Kann man solcher Werbung vertrauen? Die Selbsthilfegruppen Erektionsstörungen in Mannheim und Stuttgart beschäftigen sich mit dem Thema "*Potenzmittel in Werbung und Wirklichkeit*" in einer Veranstaltung. Ich werde einen Vortrag halten, bei dem es um folgende Fragen geht:

Welche Naturheilmittel gegen Erektionsstörungen gibt es?Ist die Wirkung dieser Mittel belegt?Welche Risiken bestehen beim Kauf von Potenzmitteln über das Internet?Wie kann man unseriöse Angebote erkennen?Können Potenzmittel eine Alternative zu den bekannten Medikamenten sein?
Anschließend wird genügend Zeit für einen Austausch sein..

Veranstaltungen:

*Mittwoch, 3. September 2008, 19:00 Uhr*
im Gesundheitstreffpunkt Mannheim, 
Alphornstraße 2a, 68169 *Mannheim*
Voranmeldung (erwünscht, aber nicht notwendig) und Info: 08142 597099.

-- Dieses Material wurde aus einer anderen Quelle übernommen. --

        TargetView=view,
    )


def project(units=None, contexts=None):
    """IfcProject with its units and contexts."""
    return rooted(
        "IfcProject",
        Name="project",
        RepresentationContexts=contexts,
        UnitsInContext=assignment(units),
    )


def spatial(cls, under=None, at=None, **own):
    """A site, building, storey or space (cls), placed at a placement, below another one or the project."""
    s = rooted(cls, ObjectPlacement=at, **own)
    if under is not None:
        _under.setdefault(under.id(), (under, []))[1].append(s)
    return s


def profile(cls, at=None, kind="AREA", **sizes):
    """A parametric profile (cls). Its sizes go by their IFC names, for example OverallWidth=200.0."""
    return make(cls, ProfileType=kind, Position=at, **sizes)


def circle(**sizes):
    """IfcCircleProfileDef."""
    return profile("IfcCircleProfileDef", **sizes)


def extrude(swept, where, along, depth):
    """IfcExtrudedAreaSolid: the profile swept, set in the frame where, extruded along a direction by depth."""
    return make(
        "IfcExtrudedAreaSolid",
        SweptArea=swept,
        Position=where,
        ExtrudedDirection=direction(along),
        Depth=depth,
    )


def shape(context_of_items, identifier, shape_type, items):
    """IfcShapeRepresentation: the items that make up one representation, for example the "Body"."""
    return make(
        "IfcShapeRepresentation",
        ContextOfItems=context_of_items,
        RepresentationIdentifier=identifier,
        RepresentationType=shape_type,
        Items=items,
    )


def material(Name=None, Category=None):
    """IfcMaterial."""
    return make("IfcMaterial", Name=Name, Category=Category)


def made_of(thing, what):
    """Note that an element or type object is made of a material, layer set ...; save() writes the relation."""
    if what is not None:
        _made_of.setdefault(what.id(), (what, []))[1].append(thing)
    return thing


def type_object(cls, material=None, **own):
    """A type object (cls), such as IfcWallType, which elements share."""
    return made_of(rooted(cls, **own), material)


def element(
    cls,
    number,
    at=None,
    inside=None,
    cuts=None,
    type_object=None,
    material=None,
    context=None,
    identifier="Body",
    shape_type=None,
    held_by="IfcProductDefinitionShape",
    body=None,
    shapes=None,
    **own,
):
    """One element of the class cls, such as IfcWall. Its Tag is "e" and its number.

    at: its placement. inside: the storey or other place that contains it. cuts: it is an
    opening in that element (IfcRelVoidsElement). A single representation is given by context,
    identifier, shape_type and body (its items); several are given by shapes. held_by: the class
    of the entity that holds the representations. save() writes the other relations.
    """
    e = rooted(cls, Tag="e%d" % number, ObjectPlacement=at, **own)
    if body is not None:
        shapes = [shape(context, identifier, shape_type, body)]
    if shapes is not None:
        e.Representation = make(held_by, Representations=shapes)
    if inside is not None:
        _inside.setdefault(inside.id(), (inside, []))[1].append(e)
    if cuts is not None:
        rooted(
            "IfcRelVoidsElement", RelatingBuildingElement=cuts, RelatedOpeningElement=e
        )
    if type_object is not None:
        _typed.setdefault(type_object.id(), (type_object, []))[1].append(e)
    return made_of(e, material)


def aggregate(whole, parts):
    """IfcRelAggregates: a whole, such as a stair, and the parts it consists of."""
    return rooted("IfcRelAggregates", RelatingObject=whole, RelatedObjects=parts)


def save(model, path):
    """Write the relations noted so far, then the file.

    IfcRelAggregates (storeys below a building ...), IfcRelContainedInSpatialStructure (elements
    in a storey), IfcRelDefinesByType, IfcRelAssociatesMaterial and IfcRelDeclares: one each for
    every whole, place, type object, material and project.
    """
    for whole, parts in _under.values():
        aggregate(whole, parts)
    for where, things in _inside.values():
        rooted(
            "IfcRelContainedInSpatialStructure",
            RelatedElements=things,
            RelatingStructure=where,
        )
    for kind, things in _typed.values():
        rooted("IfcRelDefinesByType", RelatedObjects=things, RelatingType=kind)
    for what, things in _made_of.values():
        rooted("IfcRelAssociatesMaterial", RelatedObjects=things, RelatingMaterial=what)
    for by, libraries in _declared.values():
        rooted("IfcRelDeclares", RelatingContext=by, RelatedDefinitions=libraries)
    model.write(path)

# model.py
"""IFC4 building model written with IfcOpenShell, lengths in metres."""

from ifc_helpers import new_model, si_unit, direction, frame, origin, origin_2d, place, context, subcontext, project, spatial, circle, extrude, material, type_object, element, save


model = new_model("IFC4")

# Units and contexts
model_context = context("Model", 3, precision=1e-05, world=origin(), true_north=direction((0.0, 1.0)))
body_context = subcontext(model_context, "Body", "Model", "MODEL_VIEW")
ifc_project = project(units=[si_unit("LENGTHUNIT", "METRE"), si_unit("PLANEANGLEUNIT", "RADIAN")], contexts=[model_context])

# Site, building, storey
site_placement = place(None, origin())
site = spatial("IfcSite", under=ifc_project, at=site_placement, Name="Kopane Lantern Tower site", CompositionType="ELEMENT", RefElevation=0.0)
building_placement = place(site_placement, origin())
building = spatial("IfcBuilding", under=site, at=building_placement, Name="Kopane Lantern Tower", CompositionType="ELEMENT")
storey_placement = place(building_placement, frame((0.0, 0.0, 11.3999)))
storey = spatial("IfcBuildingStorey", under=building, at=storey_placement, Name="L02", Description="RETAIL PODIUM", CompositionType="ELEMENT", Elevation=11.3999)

*Donnerstag, 18. September 2008, 18:30 Uhr*
in der Selbsthilfekontaktstelle Stuttgart (KISS), 
Marienstraße 9, 70178 *Stuttgart*
  Voranmeldung (erwünscht, aber nicht notwendig) und Info: 07181 72877.

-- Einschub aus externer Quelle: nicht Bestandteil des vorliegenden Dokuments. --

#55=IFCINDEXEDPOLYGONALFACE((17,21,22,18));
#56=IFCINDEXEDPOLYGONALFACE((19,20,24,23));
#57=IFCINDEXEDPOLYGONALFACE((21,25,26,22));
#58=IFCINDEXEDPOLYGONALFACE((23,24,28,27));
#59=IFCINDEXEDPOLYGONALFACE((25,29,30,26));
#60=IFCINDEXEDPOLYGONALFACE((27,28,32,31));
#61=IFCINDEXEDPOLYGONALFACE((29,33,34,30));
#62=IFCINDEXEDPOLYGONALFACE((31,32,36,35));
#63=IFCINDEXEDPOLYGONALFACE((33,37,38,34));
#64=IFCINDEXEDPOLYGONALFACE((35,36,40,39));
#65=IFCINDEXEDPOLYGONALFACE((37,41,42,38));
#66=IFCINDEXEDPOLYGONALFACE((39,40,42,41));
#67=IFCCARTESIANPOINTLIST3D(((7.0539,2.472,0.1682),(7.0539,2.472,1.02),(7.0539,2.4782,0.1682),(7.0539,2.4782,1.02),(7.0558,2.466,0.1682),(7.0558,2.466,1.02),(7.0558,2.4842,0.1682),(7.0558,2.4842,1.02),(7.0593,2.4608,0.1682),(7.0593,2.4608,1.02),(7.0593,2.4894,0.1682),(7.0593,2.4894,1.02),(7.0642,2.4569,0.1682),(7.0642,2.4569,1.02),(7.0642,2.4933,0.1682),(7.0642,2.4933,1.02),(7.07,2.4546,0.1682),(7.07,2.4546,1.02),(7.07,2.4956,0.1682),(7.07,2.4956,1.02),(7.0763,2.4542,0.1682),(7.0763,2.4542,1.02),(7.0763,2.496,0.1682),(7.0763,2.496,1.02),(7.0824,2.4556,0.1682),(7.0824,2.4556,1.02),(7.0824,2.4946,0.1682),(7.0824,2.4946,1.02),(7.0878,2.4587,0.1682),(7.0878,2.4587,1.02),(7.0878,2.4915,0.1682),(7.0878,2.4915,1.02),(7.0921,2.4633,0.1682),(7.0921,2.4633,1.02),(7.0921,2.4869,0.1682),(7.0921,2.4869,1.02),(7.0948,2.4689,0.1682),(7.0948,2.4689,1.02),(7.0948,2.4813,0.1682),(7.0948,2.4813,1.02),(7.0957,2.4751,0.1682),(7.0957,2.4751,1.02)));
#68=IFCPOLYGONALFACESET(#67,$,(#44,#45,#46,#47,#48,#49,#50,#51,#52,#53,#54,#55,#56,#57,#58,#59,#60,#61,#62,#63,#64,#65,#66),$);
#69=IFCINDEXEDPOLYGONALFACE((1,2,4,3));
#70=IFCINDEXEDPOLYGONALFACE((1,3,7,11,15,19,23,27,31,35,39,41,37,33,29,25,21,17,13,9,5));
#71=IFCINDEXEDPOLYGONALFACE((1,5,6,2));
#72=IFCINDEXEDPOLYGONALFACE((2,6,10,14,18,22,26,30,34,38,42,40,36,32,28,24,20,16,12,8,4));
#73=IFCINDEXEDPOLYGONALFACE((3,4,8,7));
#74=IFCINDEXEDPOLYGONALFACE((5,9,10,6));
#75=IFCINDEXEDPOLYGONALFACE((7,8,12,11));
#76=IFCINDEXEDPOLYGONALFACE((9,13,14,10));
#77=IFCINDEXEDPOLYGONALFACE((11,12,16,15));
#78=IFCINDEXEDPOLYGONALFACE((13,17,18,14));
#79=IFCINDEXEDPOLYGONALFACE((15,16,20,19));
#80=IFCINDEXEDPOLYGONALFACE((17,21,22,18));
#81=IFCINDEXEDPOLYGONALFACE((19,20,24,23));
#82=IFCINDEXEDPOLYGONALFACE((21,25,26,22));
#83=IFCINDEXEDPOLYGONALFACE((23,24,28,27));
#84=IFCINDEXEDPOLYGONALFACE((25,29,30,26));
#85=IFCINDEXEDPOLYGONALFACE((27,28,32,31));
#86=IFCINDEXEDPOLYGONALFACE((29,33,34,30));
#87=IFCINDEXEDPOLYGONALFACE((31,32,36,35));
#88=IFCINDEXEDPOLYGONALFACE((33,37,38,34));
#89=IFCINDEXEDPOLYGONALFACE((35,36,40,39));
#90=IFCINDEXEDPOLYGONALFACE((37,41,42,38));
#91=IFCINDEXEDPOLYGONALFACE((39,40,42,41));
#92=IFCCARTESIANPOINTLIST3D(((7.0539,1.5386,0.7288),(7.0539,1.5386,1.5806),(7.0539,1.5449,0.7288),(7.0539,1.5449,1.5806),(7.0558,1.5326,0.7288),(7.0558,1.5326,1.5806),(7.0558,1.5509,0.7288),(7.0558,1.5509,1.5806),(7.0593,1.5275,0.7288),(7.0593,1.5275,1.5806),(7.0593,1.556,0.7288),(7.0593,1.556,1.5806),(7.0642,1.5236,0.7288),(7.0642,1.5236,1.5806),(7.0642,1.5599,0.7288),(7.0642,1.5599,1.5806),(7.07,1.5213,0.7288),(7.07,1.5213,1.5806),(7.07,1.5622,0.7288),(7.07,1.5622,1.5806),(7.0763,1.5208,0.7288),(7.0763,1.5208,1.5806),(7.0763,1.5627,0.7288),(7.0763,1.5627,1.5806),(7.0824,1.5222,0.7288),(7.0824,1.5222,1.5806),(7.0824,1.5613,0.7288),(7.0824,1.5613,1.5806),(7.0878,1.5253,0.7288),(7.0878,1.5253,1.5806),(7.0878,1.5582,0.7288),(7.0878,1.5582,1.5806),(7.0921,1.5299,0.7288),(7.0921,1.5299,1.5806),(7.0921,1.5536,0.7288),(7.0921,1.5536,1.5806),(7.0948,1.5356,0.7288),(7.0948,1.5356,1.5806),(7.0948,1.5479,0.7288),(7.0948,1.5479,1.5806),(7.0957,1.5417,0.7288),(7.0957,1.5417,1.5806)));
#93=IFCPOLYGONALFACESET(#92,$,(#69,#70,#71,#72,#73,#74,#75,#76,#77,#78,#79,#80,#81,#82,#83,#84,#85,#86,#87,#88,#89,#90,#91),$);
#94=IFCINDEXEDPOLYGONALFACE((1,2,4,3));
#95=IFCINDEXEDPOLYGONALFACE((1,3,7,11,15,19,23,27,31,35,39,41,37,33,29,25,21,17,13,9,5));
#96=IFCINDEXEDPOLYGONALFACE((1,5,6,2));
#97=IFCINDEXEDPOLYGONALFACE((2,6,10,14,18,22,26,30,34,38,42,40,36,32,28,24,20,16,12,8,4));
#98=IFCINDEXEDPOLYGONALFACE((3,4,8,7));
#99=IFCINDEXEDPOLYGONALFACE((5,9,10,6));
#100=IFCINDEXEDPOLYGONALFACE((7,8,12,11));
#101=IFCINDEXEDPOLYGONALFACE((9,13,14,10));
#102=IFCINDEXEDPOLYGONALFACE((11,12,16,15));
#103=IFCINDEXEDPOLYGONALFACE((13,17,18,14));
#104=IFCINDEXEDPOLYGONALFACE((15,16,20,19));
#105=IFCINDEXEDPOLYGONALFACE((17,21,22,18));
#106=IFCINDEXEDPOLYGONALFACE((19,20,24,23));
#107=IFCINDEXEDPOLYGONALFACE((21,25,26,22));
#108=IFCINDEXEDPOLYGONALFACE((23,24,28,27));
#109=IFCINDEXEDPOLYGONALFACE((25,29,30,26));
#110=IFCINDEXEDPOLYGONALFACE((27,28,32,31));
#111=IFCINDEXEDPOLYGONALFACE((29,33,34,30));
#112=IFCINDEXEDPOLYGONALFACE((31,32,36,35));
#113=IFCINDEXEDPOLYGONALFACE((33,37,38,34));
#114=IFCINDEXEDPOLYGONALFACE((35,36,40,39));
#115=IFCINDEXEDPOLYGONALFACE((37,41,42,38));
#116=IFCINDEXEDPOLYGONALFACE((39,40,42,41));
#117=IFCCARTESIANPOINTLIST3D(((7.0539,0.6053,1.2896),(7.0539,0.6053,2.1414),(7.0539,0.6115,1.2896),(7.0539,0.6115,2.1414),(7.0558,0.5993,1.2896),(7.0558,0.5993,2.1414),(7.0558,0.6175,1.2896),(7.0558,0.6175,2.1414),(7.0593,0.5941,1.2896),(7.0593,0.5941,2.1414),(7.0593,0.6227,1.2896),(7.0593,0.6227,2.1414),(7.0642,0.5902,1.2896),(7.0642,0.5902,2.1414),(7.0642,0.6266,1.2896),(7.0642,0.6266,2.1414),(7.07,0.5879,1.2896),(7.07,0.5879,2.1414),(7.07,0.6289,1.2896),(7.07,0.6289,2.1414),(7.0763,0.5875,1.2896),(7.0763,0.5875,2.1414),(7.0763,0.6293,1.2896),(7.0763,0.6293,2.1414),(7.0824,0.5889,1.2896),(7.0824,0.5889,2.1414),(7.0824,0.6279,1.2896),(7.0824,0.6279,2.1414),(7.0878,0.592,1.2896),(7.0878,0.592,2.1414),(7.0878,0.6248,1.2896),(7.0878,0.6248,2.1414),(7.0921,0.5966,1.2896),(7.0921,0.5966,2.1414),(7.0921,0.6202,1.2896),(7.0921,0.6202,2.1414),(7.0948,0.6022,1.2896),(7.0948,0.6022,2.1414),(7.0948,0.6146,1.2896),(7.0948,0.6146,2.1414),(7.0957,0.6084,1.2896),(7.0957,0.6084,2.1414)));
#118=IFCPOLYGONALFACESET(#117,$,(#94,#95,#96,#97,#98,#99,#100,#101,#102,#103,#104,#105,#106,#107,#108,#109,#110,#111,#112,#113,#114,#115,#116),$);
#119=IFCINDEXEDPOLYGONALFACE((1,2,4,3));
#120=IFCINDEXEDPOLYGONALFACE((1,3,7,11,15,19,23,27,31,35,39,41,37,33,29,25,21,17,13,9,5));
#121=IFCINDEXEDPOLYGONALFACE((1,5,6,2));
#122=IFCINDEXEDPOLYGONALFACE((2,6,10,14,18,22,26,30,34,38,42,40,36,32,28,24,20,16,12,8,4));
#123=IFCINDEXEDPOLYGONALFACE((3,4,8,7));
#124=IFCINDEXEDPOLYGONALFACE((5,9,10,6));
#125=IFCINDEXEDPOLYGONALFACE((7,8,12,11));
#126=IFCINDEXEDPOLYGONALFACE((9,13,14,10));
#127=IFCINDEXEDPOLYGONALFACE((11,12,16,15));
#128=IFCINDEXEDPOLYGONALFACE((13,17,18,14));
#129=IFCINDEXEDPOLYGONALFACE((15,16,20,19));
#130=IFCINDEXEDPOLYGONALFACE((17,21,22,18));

Interessierte Männer und Frauen sind herzlich eingeladen.

----------


## Konrad

Hallo,
bei Prostata Patienten nach der OP gelingt es nach meiner Einschätzung mindestens 90 % der Betroffenen nicht mehr in der Richtung war zu bewerkstelligen. Manche versuchen sich an einen Stohhalm zu klammern und sollten sich besser damit abfinden. Es bringt nur unnötige Kosten. Die restlichen 10 % der Betroffenen freuen sich riesig, wenn sich alle Monat möglicherweise mal was regt. Leider ist es so und fast kein Arzt macht hier vorher mal eine eindeutige Aussage. Nervenschonende OP, na ja, bei einigen hat das auch geklappt. Bei den meisten aber nicht.
Bei Personen, die nicht operiert sind, nicht mehr können aber noch wollen mag die Medizin wohl helfen.

----------


## GüntherS

Hallo Konrad,
deiner pessimistischen Einschätzung möchte ich meine Erfahrung entgegensetzen:

*Kein Mann mit Erektionsstörungen muss auf eine befriedigende Sexualität verzichten.* Auf der einen Seite gibt es Medikamente und Hilfsmittel, die praktisch jedem Mann wieder eine Erektion ermöglichen. Auf der anderen Seite gibt es Spielarten der Sexualität, zu denen "Mann" keine Erektion benötigt, die aber trotzdem für beide Partner zum Höhepunkt führen können. Da kann jedes Paar seinen ganz individuellen Weg finden.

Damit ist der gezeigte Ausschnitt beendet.